How to replace "repeat" method instead of "for loop"

Hi,
I have two “for” loop in my code:

for i in range(0, 64):
for j in range (0,64):
y = torch.cat((A[:,i,:], B[:, j, :]), dim =2)

I want to replace the second for with “repeat” command (repeating 64 regions in B). Any one help?
Thanks!

The shape of A[:,i,:] and B[:, j, :] is CxW, so the range of dim is [-2, 1], your ‘dim=2’ itself is wrong.

1 Like

Thank you, and suggestion for how to replace j loop with “repeat” function?

Assume the shape of B is CxHxW. If the shape of repeat output of B is

  1. 64xCxHxW: B.unsqueeze(dim=0).repeat(64,1,1,1)
  2. 64CxHxW: B.repeat(64,1,1)
  3. Cx64HxW: B.repeat(1,64,1)
  4. CXHx64W: B.repeat(1,1,64)

Thank you so much, so in this case, it can be like:

for i in range(0, 64):
y = torch.cat((A[:,i,:], repeatB[1, 64, 1]), dim =[-2, 1])

right?

No, may you give me the shape of A and B and detailedly describe your problem ?

A and B both are in: [506, 16, 256]
And I want to move through each 4*4 partitions. (repeat: 16 times)

Also, for two for loop;
for i in range(1, 17):
for j in range (1, 17):
y = torch.cat((A[:,i,:], B[:, j, :]), dim =[-2, 1])
I faced this error:
cat(): argument ‘dim’ must be int, not list
Thanks!

I need further to know the shape of output y. In your above code, y is overwritten 16 times. And which axis you want to cat along,? since the shape of A[:,i,:] and B[:, j, :] is 506x256(CXW), cat along C-rows or W-cols?

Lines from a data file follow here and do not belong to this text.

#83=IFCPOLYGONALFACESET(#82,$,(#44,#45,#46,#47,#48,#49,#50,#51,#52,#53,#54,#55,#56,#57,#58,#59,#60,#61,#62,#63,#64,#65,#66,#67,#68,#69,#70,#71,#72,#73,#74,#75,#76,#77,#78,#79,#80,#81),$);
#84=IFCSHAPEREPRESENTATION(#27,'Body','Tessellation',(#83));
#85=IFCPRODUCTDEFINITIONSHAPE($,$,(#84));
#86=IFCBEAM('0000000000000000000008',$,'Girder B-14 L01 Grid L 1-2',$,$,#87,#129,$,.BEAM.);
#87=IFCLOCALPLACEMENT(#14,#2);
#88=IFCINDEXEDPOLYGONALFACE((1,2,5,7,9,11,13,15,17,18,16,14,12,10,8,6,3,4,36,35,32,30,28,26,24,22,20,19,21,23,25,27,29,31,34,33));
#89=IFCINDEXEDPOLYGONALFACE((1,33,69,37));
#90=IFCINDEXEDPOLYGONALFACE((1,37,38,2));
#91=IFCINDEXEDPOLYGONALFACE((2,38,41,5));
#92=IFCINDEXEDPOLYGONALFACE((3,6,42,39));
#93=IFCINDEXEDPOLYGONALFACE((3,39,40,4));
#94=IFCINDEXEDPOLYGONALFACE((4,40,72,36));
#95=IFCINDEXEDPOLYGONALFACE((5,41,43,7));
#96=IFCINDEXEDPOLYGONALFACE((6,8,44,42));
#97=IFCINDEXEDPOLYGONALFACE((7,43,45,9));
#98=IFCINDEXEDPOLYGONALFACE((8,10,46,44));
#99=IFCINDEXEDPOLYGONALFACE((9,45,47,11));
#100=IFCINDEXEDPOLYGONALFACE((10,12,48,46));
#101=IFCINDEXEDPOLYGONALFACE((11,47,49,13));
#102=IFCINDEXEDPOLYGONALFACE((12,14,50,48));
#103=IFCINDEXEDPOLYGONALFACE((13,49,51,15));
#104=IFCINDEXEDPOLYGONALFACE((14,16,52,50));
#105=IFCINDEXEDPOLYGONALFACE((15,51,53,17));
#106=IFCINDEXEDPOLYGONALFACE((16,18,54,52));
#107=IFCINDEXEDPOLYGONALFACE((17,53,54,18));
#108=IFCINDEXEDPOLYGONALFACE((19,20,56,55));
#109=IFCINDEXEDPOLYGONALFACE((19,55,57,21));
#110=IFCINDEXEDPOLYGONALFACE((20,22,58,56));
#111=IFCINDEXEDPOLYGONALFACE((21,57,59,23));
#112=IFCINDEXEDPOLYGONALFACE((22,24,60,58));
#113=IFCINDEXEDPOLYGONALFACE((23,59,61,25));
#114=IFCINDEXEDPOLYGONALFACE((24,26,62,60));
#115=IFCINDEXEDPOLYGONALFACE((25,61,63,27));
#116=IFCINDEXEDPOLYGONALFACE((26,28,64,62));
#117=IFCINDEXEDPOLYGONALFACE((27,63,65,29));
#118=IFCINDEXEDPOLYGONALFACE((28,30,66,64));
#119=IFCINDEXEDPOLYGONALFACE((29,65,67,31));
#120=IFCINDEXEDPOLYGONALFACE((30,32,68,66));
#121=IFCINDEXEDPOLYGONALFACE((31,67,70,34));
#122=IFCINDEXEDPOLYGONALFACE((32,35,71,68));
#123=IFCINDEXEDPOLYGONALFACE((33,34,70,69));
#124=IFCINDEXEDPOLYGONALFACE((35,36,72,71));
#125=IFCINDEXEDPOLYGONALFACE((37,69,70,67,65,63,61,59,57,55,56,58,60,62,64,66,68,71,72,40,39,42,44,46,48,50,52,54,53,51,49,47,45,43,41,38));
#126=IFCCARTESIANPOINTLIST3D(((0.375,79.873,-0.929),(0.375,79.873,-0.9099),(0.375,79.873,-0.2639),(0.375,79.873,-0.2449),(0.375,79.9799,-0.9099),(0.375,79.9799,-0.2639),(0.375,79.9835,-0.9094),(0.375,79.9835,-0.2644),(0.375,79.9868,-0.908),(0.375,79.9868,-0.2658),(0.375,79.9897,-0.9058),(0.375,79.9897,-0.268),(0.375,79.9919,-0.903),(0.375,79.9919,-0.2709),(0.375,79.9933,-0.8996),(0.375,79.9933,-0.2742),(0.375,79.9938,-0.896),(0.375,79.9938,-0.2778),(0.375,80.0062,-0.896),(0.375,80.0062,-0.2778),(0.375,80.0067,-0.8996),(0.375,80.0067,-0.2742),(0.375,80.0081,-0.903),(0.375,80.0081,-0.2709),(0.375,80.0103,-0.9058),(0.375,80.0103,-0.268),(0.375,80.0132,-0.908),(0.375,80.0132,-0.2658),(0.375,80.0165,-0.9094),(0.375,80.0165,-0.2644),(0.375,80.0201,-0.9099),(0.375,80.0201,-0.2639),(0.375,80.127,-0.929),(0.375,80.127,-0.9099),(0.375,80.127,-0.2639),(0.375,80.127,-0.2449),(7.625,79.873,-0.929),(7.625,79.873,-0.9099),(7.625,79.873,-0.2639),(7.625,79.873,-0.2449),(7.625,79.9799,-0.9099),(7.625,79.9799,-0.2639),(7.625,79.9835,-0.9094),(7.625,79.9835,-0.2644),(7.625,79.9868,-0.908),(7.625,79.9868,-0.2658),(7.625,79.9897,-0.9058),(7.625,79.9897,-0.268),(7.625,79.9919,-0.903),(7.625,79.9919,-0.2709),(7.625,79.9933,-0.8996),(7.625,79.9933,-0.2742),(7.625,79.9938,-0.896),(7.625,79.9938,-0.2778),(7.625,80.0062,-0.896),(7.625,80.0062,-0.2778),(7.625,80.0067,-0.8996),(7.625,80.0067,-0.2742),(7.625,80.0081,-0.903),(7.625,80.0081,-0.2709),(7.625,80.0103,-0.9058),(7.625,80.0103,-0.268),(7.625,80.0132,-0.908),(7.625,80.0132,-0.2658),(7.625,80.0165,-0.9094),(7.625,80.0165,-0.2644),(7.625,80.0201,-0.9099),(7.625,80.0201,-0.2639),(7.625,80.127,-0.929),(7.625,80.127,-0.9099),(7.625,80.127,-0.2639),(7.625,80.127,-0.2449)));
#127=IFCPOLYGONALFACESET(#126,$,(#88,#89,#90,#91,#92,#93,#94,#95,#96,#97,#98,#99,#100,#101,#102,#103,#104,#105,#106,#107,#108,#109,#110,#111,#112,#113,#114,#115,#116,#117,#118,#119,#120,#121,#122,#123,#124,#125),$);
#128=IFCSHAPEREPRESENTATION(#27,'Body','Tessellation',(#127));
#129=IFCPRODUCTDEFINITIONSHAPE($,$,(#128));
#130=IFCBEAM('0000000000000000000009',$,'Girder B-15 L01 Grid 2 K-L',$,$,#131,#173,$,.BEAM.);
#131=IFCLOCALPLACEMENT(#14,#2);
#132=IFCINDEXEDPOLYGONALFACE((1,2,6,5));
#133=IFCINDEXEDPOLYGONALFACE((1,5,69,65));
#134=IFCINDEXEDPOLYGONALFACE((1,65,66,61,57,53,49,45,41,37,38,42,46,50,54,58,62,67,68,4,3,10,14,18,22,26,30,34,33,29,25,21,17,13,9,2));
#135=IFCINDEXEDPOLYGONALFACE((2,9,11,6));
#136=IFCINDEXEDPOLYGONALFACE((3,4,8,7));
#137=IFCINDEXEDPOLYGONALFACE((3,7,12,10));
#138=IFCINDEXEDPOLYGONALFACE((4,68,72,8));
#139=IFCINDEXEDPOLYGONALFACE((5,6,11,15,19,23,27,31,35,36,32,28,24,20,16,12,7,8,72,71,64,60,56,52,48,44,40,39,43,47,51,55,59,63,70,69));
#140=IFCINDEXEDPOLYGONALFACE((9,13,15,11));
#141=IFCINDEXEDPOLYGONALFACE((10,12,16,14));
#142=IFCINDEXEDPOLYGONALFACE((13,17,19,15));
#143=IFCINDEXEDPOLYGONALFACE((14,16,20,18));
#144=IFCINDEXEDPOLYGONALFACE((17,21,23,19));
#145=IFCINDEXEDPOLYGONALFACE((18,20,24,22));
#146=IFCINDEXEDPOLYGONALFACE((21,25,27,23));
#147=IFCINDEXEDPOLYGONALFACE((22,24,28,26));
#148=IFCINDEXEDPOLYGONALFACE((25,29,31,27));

well, y is needed to be [506, 256, 512], hence I want to do cat in dim=2.
Actually, I want to reshape and transpose both A and B to be as [506, 16, 256] first, then by overwritten each of them 16 times, concating them together. Finally, the achieved result should be in [506, 256, 512] (first dimension for A and second for B).